Chance Pe Dance Hindi Movie

Feature Film | 2010 | Comedy, Musicals, Romantic
Critics:
The only possible reason you might want to watch Chance Pe Dance is if you just want to look at Shahid Kapur for 2 odd hours.
Jan 15, 2010 By Jahan Bakshi


Ken Ghosh directed music videos before he moved on to films, and Chance Pe Dance clearly is the longest and lousiest music video he has made so far. When a filmmaker brings a film to the big screen after a gap of nearly 6 years, the last thing you expect is a movie this stunningly pointless. What can you say about a film whose only visible pay-off in the end is the sight of Shahid Kapur's supposed eight-pack abs?


Chance Pe Dance is basically a Shahid Kapur audition tape- mellow Shahid, over-the-top Shahid, dancing Shahid, romancing Shahid- its all there, and while the actor might have found this flattering, this is precisely the kind of film he should stay miles away from if he wishes to maintain his escalating career graph. No amount of earnestness from him saves this tepid, flat film from being the deathly bore it is.


The script, or complete lack of it really makes you wonder what the executives at UTV have suddenly begun smoking. Forget the predictability, there isn't a single high point through the film, and the editor goes berserk with bizarre effects as if to compensate. The film is about a struggling actor, but not once do we feel Sameer Behl's (Shahid) struggle, notwithstanding the fact that he has vada pav for breakfast and sleeps in his car for days (Where are the Mumbai Police, you wonder?) and neither do we feel a sense of triumph when he finally (and obviously) becomes a star. The airbrushed reality (which we, as an audience have almost become accustomed to) could still have been ignored if the film was actually a little fun. But no such luck by dance here- even the music and song sequences are downright tacky, despite this being a so-called dance film.

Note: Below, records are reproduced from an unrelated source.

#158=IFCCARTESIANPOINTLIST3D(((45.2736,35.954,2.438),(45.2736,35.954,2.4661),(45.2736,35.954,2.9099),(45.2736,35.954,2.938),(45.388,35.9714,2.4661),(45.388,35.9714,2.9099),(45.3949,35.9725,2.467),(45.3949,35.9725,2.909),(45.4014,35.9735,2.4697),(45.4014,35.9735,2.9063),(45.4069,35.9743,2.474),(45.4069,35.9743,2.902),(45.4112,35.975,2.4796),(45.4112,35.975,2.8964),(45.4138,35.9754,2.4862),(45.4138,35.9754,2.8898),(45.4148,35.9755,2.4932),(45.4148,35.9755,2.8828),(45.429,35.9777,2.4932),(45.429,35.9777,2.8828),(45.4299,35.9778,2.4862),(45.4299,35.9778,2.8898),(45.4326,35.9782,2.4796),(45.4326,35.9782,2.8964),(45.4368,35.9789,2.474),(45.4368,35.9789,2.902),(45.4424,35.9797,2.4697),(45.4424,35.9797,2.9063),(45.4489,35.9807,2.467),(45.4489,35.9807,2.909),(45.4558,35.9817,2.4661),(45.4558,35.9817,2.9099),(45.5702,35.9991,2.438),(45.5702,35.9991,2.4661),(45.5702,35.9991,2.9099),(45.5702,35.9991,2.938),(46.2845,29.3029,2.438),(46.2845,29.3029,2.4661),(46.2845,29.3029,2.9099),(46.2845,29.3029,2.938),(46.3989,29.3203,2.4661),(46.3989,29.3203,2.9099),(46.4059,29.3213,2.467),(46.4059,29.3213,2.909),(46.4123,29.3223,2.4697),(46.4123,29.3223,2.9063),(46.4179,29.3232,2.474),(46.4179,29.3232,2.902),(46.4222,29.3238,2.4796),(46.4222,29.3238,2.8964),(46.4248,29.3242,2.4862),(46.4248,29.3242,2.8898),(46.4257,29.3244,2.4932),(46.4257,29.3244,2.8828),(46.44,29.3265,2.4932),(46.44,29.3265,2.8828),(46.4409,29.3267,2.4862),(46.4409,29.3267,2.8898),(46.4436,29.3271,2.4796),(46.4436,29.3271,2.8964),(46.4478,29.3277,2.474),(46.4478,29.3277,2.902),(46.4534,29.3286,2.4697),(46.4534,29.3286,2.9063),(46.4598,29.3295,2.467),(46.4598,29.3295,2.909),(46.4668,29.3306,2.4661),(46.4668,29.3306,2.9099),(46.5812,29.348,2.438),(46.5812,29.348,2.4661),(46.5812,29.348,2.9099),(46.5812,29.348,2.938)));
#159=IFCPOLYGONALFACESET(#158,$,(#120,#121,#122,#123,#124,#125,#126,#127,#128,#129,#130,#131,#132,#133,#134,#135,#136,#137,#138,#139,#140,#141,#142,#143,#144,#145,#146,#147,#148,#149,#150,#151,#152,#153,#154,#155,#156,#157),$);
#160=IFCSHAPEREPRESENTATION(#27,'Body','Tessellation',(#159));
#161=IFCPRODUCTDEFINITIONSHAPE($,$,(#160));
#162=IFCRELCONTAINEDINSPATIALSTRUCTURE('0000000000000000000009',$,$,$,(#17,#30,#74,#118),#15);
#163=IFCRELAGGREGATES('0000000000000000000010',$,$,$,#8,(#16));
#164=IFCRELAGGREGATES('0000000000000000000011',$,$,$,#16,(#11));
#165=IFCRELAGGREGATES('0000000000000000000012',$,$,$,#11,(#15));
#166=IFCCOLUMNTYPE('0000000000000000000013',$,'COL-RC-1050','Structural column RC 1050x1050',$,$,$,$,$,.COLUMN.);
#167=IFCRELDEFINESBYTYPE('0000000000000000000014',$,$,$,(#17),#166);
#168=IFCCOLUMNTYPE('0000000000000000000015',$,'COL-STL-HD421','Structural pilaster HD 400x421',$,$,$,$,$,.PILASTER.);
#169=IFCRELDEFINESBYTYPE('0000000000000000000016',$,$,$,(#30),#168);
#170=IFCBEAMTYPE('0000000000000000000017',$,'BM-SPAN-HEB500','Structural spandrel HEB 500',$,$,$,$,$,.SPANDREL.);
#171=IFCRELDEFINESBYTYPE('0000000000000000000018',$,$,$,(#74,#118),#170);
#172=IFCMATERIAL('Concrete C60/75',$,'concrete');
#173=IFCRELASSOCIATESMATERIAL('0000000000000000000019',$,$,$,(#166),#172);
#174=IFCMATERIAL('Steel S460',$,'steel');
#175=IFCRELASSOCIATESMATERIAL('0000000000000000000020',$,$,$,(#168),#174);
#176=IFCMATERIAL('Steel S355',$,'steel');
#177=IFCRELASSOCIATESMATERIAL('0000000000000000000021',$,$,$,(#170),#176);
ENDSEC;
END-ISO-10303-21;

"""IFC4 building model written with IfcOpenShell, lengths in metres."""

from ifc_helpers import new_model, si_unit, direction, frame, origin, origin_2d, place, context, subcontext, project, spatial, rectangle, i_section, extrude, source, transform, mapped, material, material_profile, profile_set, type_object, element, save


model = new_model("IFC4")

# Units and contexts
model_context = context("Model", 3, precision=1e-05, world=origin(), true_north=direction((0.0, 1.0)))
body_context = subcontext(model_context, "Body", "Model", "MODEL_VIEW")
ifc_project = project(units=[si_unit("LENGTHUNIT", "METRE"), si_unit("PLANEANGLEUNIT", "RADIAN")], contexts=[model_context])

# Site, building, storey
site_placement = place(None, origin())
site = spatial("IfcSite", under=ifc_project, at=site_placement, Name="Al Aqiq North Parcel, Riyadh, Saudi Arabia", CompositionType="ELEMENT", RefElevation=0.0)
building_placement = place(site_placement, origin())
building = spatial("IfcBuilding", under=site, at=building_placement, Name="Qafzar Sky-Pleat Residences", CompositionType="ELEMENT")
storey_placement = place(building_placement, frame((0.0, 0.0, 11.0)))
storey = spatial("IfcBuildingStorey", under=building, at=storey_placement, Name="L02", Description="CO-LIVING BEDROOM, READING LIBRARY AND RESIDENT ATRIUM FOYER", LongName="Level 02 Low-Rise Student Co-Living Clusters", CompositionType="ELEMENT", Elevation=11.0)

The characters are blandly written, and the actors- Shahid, Genelia and the rest- can't do much to help you in the audience as you stare blank, uninvolved and cold, waiting for some genuine humor or drama- even if horribly clichéd- to unfold on screen. Last year, Zoya Akhtar gave us the story of a struggler that had grit and wit, style and substance. Chance Pe Dance has none of that, and the only possible reason you might want to watch it is if you just want to look at Shahid Kapur for 2 odd hours. However, if that be the case, I would still recommend that you skip this futile apology for a film and rent a DVD of Kaminey instead- because apart from being a tremendously better film (to say the least), aren't two Shahids better than one?